DocumentConverter is the interface all format converters implement.

type DocumentConverterResult ¶

type DocumentConverterResult struct {
	Markdown string
	Title    string
}

DocumentConverterResult holds the output of a conversion.

type DocxConverter ¶

type DocxConverter struct {
	// contains filtered or unexported fields
}

DocxConverter handles DOCX files.

func NewDocxConverter ¶

func NewDocxConverter(m *MarkItDown) *DocxConverter

NewDocxConverter creates a new DocxConverter.

func (*DocxConverter) Accepts ¶

func (c *DocxConverter) Accepts(info StreamInfo) bool

func (*DocxConverter) Convert ¶

func (c *DocxConverter) Convert(reader io.ReadSeeker, info StreamInfo) (*DocumentConverterResult, error)

type EpubConverter ¶

type EpubConverter struct {
	// contains filtered or unexported fields
}

EpubConverter handles EPUB files.

func NewEpubConverter ¶

func NewEpubConverter(m *MarkItDown) *EpubConverter

NewEpubConverter creates a new EpubConverter.

func (*EpubConverter) Accepts ¶

func (c *EpubConverter) Accepts(info StreamInfo) bool

func (*EpubConverter) Convert ¶

func (c *EpubConverter) Convert(reader io.ReadSeeker, info StreamInfo) (*DocumentConverterResult, error)

type FailedConversionAttempt ¶

type FailedConversionAttempt struct {
	Converter string
	Err       error
}

FailedConversionAttempt records a converter that accepted but failed.

type HTMLConverter ¶

type HTMLConverter struct {
	// contains filtered or unexported fields
}

HTMLConverter handles HTML files.

func NewHTMLConverter ¶

func NewHTMLConverter(m *MarkItDown) *HTMLConverter

NewHTMLConverter creates a new HTMLConverter.

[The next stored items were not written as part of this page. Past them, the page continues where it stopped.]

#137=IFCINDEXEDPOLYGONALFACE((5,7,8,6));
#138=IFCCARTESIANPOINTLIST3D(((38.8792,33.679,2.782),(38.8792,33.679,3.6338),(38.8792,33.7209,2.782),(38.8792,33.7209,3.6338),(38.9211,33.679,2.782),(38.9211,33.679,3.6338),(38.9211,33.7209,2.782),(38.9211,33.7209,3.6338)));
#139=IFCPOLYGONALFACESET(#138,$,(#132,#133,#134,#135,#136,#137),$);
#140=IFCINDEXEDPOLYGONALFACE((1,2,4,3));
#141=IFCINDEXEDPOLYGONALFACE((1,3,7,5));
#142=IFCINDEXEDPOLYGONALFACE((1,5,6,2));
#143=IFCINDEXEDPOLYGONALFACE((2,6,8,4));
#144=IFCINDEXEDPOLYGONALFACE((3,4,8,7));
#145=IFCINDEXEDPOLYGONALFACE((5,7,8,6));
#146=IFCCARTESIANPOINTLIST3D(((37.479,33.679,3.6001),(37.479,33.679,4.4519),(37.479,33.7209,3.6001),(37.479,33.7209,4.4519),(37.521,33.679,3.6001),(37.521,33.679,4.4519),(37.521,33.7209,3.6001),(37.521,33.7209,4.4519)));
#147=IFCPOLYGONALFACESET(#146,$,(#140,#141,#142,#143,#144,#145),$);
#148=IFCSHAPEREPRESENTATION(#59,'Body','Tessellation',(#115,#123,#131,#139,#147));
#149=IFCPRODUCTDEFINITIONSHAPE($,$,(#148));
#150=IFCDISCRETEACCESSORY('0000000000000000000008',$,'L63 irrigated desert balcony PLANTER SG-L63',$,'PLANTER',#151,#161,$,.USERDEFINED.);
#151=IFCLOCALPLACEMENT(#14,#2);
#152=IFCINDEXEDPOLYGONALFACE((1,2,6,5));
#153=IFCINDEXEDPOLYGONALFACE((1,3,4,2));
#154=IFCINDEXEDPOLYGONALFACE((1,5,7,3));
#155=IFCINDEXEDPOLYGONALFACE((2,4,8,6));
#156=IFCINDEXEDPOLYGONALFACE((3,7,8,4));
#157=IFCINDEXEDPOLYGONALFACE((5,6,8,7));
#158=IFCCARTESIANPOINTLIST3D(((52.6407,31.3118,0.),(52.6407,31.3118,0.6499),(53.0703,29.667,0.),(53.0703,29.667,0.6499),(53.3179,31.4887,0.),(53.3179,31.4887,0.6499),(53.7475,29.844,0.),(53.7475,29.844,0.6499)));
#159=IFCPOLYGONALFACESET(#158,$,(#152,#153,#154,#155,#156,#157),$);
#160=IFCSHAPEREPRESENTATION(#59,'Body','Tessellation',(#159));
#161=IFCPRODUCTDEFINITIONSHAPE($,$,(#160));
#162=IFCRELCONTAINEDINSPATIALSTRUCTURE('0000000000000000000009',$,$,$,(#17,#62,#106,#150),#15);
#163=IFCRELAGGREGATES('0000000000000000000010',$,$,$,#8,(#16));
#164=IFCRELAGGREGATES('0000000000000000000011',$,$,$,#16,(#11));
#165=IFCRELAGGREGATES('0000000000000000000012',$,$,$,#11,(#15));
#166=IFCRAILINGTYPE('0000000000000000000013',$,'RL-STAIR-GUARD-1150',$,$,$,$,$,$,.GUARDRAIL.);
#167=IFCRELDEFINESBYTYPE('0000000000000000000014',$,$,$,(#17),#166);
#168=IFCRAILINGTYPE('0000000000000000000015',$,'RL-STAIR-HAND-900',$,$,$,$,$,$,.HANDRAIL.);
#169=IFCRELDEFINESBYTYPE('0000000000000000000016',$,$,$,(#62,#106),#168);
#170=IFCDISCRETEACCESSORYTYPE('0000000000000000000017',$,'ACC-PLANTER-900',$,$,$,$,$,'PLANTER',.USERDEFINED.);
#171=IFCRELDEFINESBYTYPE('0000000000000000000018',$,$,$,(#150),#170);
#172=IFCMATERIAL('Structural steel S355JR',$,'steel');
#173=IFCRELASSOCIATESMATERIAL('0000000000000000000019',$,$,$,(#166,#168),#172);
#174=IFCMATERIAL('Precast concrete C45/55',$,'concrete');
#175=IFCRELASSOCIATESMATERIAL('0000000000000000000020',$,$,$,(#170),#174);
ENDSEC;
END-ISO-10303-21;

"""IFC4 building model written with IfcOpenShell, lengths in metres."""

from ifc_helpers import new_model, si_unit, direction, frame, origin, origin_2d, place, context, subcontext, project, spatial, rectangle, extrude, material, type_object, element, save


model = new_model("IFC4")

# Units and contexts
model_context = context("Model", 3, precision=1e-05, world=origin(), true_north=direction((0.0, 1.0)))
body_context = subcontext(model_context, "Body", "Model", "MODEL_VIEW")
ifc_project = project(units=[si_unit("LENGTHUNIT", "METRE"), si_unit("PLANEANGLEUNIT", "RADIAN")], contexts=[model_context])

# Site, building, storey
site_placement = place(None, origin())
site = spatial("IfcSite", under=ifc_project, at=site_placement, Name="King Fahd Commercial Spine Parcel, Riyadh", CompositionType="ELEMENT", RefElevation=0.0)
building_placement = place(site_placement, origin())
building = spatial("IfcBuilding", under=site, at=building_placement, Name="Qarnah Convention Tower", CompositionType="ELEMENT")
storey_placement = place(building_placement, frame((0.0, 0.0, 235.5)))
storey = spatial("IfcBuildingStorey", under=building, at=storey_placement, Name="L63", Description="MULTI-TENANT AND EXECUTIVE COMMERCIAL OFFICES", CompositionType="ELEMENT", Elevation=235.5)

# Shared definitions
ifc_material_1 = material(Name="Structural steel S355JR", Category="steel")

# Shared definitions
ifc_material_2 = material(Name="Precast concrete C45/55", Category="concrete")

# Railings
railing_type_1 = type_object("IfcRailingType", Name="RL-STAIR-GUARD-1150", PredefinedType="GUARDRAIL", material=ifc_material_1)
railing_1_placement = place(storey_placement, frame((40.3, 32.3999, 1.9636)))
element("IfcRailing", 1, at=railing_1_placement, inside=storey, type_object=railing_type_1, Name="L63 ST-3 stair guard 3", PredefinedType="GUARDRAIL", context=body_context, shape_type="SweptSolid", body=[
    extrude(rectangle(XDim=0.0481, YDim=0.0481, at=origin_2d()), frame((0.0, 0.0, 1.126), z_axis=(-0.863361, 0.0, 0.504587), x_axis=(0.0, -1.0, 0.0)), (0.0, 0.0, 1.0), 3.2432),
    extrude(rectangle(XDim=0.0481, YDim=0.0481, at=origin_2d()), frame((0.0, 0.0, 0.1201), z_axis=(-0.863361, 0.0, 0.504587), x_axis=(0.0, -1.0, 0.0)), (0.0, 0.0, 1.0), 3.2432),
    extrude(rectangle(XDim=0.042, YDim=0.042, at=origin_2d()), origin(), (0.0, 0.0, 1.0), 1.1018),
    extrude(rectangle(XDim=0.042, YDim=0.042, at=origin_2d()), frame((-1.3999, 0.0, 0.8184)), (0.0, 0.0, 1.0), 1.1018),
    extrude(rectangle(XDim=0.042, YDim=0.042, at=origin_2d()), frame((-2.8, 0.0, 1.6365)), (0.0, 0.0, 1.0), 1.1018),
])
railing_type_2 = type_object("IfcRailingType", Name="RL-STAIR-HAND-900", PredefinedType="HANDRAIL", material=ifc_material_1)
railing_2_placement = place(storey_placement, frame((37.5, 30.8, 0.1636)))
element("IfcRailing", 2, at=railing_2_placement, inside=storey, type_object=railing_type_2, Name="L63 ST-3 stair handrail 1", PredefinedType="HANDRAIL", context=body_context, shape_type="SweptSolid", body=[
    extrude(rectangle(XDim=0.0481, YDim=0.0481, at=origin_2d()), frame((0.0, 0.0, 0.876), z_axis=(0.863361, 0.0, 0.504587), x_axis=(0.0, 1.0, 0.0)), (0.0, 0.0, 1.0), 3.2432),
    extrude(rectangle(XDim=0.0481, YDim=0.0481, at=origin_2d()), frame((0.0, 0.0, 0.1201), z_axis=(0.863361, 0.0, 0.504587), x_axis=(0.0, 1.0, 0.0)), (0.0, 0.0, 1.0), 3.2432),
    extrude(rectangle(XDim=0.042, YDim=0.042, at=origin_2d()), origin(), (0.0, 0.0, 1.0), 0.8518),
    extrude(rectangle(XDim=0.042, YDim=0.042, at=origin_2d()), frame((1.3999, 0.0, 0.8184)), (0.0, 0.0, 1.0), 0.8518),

func (*HTMLConverter) Accepts ¶

func (c *HTMLConverter) Accepts(info StreamInfo) bool

func (*HTMLConverter) Convert ¶

func (c *HTMLConverter) Convert(reader io.ReadSeeker, info StreamInfo) (*DocumentConverterResult, error)

func (*HTMLConverter) ConvertString ¶

func (c *HTMLConverter) ConvertString(htmlStr string) (*DocumentConverterResult, error)

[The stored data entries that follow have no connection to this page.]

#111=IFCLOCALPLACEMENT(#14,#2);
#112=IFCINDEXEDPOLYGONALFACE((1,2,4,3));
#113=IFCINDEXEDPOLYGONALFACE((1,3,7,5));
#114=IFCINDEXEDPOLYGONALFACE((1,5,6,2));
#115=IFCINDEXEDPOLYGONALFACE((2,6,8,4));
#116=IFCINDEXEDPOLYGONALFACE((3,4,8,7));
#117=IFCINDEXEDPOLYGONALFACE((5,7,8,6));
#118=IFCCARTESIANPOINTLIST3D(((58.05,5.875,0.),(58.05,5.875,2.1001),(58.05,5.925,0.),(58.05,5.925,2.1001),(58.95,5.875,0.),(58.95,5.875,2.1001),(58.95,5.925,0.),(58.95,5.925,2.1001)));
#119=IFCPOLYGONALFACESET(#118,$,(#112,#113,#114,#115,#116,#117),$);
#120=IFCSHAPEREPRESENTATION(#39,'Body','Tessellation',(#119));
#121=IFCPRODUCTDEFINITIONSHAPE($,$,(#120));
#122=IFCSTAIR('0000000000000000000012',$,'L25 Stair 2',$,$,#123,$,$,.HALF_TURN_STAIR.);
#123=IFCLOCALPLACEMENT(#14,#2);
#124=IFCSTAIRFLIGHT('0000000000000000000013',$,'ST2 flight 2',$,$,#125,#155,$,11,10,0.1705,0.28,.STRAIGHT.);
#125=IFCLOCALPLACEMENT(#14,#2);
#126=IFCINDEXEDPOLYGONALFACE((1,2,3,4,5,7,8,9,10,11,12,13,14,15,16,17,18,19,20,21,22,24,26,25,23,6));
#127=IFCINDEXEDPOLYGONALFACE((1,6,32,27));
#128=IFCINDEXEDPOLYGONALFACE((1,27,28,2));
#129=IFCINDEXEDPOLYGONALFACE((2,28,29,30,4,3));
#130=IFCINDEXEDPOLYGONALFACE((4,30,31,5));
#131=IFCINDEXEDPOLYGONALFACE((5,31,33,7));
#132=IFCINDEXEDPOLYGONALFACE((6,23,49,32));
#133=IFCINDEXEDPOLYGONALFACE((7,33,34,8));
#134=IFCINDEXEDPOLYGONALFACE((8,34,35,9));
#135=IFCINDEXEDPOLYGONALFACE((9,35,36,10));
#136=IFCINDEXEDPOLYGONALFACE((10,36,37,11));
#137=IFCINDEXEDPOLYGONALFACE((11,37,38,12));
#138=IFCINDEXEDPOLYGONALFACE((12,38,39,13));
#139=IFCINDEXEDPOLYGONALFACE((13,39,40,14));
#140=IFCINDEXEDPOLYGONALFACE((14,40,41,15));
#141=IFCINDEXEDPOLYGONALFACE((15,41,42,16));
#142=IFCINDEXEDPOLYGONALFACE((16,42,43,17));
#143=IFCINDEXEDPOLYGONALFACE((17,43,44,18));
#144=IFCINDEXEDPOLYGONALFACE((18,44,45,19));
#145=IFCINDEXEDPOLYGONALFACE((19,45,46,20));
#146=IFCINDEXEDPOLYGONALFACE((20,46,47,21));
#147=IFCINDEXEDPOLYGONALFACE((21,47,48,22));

ConvertString converts an HTML string to markdown.

type IpynbConverter ¶

type IpynbConverter struct{}

IpynbConverter handles Jupyter notebook files.

func NewIpynbConverter ¶

func NewIpynbConverter() *IpynbConverter

NewIpynbConverter creates a new IpynbConverter.

func (*IpynbConverter) Accepts ¶

func (c *IpynbConverter) Accepts(info StreamInfo) bool

func (*IpynbConverter) Convert ¶

func (c *IpynbConverter) Convert(reader io.ReadSeeker, info StreamInfo) (*DocumentConverterResult, error)

type MarkItDown ¶

type MarkItDown struct {
	// contains filtered or unexported fields
}

MarkItDown is the main document-to-markdown conversion engine.

func New ¶

func New(opts ...Option) *MarkItDown

New creates a new MarkItDown instance with the given options.

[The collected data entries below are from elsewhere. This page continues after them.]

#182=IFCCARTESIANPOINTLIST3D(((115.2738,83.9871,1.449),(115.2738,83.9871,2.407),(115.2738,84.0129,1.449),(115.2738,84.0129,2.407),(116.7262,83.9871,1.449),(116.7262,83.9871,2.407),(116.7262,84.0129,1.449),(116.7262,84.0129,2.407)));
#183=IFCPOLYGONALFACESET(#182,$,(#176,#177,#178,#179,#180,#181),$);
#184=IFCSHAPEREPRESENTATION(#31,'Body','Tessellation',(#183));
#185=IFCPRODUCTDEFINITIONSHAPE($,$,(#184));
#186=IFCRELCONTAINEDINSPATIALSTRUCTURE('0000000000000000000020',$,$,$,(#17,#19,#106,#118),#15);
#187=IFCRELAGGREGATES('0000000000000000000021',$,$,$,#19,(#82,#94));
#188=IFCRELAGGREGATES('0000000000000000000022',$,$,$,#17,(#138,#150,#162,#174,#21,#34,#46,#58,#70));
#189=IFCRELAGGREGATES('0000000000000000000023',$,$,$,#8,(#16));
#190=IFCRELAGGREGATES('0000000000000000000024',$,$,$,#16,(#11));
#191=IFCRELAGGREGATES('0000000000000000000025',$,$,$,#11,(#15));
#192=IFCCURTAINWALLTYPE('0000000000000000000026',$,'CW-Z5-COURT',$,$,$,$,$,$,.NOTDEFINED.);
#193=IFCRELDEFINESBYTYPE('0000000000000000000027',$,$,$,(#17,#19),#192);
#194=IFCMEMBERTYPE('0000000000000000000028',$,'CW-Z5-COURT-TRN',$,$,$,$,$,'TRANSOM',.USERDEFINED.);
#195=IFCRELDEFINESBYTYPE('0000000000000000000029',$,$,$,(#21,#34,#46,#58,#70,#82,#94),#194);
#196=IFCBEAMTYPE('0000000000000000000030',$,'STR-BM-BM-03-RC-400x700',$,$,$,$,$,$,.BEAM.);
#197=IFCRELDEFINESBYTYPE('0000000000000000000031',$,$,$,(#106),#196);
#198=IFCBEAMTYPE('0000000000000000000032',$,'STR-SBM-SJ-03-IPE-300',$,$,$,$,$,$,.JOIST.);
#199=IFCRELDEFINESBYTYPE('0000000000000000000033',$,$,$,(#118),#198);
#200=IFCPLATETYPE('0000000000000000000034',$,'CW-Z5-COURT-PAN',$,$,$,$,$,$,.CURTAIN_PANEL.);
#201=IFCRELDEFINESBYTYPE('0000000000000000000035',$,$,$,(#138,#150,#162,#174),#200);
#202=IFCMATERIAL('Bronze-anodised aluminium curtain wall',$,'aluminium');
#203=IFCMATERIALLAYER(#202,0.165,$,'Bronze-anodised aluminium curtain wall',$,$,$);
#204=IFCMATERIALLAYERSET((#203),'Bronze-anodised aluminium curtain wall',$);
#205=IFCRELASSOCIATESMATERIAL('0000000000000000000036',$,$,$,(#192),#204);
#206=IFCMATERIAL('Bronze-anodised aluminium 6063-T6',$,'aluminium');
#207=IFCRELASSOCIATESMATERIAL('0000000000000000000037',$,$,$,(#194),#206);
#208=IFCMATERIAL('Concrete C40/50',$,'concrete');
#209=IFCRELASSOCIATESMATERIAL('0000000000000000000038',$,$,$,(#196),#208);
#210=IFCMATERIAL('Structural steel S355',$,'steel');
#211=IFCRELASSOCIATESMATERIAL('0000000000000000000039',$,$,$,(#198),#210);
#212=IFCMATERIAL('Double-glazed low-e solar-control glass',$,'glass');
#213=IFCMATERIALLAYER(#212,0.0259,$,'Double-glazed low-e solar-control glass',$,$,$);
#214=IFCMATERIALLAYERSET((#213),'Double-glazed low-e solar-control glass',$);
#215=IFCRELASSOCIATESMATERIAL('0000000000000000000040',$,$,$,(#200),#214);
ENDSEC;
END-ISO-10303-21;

func (*MarkItDown) Convert ¶

func (m *MarkItDown) Convert(source string) (*DocumentConverterResult, error)

Convert auto-detects the source type (file path or URL) and converts it.

func (*MarkItDown) ConvertFile ¶

func (m *MarkItDown) ConvertFile(path string) (*DocumentConverterResult, error)

ConvertFile converts a local file to markdown.

func (*MarkItDown) ConvertReader ¶

func (m *MarkItDown) ConvertReader(r io.ReadSeeker, info StreamInfo) (*DocumentConverterResult, error)

ConvertReader converts a stream to markdown using the provided StreamInfo.

func (*MarkItDown) ConvertURL ¶

func (m *MarkItDown) ConvertURL(url string) (*DocumentConverterResult, error)

ConvertURL fetches a URL and converts the response to markdown.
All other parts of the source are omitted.